# What's this one guys??



## danny7147 (May 22, 2012)

Now I'm good with English bikes, but I've been trying to help ID this and it's beating me... any clues??

http://cgi.ebay.co.uk/ws/eBayISAPI.dll?ViewItem&item=170846514760&ssPageName=ADME:X:RTQ:GB:1123


----------



## OldRider (May 22, 2012)

I have no idea what it is but thats a helluva tank you could fit between those bars!


----------



## vincev (May 22, 2012)

I like it!


----------



## dfa242 (May 22, 2012)

Let's call it cool & crusty.


----------



## danny7147 (May 22, 2012)

This is the problem... everyone loves it, but what the hell is it? :-/

It's got a very Rudge looking rear end... especially 1920's models... but it's got Phillips type brakes which Rudge didn't use... there are no frame numbers or identification marks, which means it's... umm... rare!

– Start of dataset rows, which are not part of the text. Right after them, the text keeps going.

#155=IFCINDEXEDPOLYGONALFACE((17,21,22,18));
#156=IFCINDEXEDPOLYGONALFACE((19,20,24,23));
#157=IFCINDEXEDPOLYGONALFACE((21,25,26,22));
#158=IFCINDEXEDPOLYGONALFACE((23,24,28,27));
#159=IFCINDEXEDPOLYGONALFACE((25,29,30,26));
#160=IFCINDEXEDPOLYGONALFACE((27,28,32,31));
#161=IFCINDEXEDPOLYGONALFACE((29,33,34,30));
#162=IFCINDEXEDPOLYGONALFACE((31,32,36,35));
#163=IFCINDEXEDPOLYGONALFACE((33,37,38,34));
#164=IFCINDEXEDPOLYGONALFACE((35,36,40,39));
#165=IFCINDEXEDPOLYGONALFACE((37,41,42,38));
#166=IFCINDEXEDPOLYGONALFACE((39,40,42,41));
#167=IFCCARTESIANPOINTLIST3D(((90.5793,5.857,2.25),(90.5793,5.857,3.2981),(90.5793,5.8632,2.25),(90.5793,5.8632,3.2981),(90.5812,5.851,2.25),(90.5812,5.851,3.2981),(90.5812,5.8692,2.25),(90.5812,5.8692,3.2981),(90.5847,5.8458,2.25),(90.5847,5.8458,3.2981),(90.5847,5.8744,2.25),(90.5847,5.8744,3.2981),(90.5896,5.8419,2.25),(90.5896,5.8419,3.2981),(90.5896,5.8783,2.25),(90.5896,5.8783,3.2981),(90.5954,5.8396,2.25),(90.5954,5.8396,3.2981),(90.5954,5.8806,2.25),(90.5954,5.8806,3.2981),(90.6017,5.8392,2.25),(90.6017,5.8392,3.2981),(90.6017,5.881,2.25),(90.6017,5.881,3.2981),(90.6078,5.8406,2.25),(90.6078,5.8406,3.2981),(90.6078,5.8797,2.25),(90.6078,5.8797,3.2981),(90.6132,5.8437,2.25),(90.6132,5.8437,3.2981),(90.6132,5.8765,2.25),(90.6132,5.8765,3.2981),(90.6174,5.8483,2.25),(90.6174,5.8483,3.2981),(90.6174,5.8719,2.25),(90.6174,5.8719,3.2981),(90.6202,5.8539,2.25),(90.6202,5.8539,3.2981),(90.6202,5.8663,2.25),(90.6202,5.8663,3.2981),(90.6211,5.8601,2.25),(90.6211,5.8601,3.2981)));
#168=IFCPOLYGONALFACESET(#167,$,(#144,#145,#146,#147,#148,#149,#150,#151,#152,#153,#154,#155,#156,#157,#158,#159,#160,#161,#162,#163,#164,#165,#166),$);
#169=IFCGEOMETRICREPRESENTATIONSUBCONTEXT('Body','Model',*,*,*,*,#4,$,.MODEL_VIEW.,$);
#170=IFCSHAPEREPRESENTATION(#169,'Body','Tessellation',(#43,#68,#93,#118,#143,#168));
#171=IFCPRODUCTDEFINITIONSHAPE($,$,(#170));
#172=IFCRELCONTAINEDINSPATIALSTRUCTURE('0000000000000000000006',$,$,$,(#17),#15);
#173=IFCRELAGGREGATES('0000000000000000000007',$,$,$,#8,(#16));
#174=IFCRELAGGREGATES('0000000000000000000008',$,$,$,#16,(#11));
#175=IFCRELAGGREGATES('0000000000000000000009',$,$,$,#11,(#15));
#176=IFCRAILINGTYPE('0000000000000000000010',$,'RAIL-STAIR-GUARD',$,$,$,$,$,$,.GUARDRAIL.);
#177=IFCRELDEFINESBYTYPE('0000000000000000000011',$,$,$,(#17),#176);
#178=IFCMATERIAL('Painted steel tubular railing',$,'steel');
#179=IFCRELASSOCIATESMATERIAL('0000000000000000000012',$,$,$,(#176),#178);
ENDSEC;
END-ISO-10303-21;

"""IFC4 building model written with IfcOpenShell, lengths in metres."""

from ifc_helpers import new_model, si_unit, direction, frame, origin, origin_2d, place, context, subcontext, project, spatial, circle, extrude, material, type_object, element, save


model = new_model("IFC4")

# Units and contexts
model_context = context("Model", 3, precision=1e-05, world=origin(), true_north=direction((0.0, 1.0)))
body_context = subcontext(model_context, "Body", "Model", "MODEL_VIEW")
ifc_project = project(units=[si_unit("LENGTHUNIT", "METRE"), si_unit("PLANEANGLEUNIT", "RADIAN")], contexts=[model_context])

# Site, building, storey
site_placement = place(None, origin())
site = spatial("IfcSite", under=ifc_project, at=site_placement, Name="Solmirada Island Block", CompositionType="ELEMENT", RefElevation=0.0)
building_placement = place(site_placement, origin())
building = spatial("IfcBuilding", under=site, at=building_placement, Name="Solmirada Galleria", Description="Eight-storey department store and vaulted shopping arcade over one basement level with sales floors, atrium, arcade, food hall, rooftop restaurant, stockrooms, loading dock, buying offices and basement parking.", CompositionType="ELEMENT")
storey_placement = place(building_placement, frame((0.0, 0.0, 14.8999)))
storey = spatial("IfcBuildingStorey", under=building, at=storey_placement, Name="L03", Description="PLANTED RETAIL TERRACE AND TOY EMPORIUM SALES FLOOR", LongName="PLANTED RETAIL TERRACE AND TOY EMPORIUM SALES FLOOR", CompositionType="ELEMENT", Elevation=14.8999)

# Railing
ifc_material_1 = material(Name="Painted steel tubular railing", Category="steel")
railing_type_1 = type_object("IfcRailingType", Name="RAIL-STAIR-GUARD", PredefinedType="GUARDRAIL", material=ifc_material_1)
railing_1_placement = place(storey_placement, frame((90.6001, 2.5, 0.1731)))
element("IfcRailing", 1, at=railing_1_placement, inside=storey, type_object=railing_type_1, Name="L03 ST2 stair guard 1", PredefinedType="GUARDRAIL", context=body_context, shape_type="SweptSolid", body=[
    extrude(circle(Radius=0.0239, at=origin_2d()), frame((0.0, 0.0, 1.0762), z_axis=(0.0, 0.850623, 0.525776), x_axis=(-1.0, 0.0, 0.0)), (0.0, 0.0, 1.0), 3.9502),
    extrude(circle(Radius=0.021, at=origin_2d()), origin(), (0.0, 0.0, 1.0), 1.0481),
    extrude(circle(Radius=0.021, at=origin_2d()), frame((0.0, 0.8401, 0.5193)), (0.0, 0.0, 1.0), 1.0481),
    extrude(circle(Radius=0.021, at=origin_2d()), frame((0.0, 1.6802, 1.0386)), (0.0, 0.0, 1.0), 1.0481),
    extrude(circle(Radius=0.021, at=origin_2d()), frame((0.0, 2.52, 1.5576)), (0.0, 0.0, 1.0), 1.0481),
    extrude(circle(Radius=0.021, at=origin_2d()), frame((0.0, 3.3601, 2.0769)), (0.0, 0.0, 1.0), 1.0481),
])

Now, apparently the Thai's are crawling all over this, which from a UK sellers point of view means it's a VERY rare English bike, and they're offering silly money. So come on guys, help me out... what is it???


----------



## bikewhorder (May 22, 2012)

looks like some sort of British military concoction to me.


----------



## danny7147 (May 23, 2012)

Oh... I've given myself a headache. Right!!! Now tell me this doesn't look seriously similar...





Ebay bike...




1933 BSA Trichrome Special.

It's got a different trigger and light... but that's a seriously close match...


----------



## jpromo (May 23, 2012)

OldRider said:


> I have no idea what it is but thats a helluva tank you could fit between those bars!




English bikes didn't have a need for tanks.. that spacing is for the minibar :o


----------



## danny7147 (May 23, 2012)

jpromo said:


> English bikes didn't have a need for tanks.. that spacing is for the minibar :o




How dare you accuse English people of needing to take vast quantities of alcohol with us wherever we go... I'm offended. What's the point in us carting around an entire minibar when you could fit an entire crate of whisky in there?


----------



## Lawrence Ruskin (May 23, 2012)

Just a wild ass guess. 

Military dispatch bike?

That frame is clearly designed to ''do'' something.

Are those military colours?


----------



## danny7147 (May 23, 2012)

Well from what I've read it's a 30 inch frame, and that's big!!! It could be military, it could be anything, but look again and consider it's got standard 26 inch wheels and the height of it will become easier to see... You'd need to be a TALL soldier to ride it!


----------